CAUTION: Sometimes the part number for the IC might look like a date. The part number for the Combat I opened was C011201-01. That doesn't look much like a date, but there is a common family of logic gates whose part numbers look like 74xx. You may see some ICs that say 7404, 7400, 7414, or some other 74xx number. That doesn't mean they were made in 1974!
You should expect to find an IC in any electronic equipment that has to do some amount of "thinking." For example, a joystick or paddle won't have an IC because they're just switches, but there will be one in a cart or game console.
ADDENDUM by Scott Stilphen (7-24-14)
I decided to pick a game (E.T.) from my collection and see how many different dates are stamped on the end labels. Here's what I found out of the 14 carts that I currently have:
432 - big
452 - big
462R - big (2)
472 - big (2)
472R - big
482R - big
492 - big
502 - big
502 - small (3)
512 - small
The "big" and "small" notes pertain to the 2 different label variations and the size of the diamonds on the ship.
The earliest, 432, would denote the week of October 24th-30th for 1982 (calendar). Atari would have wanted the game to be available in time for "Black Friday", November 26th (rumor is that it was, but I've yet to see any proof to back this up), but it might not have reached wide release until the following week or two. The top label variation change happened in the 50th week.

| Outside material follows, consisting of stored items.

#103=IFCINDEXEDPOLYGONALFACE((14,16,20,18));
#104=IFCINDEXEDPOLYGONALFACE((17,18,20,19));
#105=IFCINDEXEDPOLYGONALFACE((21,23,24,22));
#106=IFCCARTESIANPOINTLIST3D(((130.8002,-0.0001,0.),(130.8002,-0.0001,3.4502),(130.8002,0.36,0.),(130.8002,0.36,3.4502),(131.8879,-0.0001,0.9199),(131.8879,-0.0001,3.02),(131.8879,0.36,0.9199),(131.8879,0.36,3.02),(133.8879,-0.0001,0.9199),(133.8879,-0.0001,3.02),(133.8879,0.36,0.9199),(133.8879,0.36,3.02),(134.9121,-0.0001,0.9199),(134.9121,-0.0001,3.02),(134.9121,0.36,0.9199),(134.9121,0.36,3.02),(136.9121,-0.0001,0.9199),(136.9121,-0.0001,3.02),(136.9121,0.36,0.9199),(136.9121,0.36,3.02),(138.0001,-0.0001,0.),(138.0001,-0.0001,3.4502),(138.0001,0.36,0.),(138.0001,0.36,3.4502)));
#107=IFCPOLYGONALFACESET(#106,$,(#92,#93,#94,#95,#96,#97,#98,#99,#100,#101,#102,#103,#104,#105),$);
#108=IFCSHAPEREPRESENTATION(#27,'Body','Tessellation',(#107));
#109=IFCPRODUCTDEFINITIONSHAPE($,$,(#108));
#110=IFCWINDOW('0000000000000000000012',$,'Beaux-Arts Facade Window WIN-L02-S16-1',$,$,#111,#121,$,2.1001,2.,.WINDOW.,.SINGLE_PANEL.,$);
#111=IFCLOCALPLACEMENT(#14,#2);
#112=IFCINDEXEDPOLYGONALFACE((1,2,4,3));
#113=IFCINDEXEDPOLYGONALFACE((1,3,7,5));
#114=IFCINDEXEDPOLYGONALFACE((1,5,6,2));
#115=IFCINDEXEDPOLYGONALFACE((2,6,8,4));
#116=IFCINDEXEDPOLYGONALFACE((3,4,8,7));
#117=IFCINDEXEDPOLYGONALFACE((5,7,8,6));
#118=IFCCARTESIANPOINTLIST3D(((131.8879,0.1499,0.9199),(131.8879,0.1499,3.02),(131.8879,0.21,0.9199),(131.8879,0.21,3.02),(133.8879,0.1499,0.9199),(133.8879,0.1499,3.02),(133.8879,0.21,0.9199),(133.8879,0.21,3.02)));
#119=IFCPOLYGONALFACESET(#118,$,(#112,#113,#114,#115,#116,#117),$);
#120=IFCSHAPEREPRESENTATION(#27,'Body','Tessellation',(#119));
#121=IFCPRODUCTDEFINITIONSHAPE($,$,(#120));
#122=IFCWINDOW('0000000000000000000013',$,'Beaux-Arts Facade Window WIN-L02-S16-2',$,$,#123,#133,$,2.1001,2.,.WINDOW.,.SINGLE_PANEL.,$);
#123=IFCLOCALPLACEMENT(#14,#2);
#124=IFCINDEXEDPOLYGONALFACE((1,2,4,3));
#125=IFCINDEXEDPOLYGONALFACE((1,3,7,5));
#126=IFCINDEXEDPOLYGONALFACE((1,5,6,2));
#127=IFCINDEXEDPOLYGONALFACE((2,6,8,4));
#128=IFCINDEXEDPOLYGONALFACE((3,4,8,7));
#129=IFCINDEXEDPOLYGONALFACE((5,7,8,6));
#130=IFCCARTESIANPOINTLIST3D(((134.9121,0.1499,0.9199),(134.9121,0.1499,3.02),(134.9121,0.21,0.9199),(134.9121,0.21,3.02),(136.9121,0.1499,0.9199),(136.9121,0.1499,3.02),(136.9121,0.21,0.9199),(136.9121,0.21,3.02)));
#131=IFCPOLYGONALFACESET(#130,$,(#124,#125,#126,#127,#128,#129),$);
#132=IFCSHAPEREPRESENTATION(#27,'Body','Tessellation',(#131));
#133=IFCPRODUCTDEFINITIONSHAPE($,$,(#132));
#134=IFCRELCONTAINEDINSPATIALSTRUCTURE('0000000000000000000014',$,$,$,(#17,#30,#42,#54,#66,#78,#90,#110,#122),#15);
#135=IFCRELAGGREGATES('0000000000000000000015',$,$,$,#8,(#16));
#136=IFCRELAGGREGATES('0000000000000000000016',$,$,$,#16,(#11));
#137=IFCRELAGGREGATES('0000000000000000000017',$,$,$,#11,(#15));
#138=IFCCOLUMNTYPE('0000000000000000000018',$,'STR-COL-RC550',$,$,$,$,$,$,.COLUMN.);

Opening the carts up also revealed something interesting. The earliest carts in the first few weeks of production all had green-colored pcbs, whereas ones made later had gold-colored pcbs:
3 of them used COBs (instead of DIPs) - all of which were made in Thailand. The production numbers on those are 8244 and 8246, which would be the 44th and 46th weeks of 1982, although as you can see, these numbers didn't match the codes stamped on the end labels (written on the pcb):
Still, these COBs confirm Atari was one of the first game manufacturers - if not the first - to use COBs in cartridge production. So I decided to look for other games that used COB pcbs. Here's a photo of 5 COB pcbs of games, in the order they were originally released:
Haunted House - February 1982
Pac-Man - March 1982
Defender - June 1982
E.T. December 1982
Centipede - February 1983
The first 3 pcbs are dated 1981, the same date shown onscreen and on the original packaging. The first, Haunted House, is from a re-released cartridge from Atari Corp. and dated 1986! So, much like the packaging and onscreen dates, you can't always rely on the dates printed on the pcbs either. The production numbers on the 5 pcbs are 8247, 8220, 8232, 8244, and 8306. Even though Haunted House had a 1986 copyright date on the label, the pcb was actually produced in the 47th week of 1982. The pcb with the earliest production date, Pac-Man with 8220 (20th week of 1982, or around mid-May), proves just how far ahead Atari was with their competitors in using COB technology.
At least 4 different package types were used by Atari:
The 1st and 3rd types have production dates printed on the bottom of the board, similar to how they're stamped on the end labels, but with the week and year reversed. The 1st seems to be the earliest package used, and games have been produced in more than one COB package. For example. I have copies of Pac-Man in both the 1st and 4th styles, and Pole Position in the 2nd, 3rd, and 4th styles.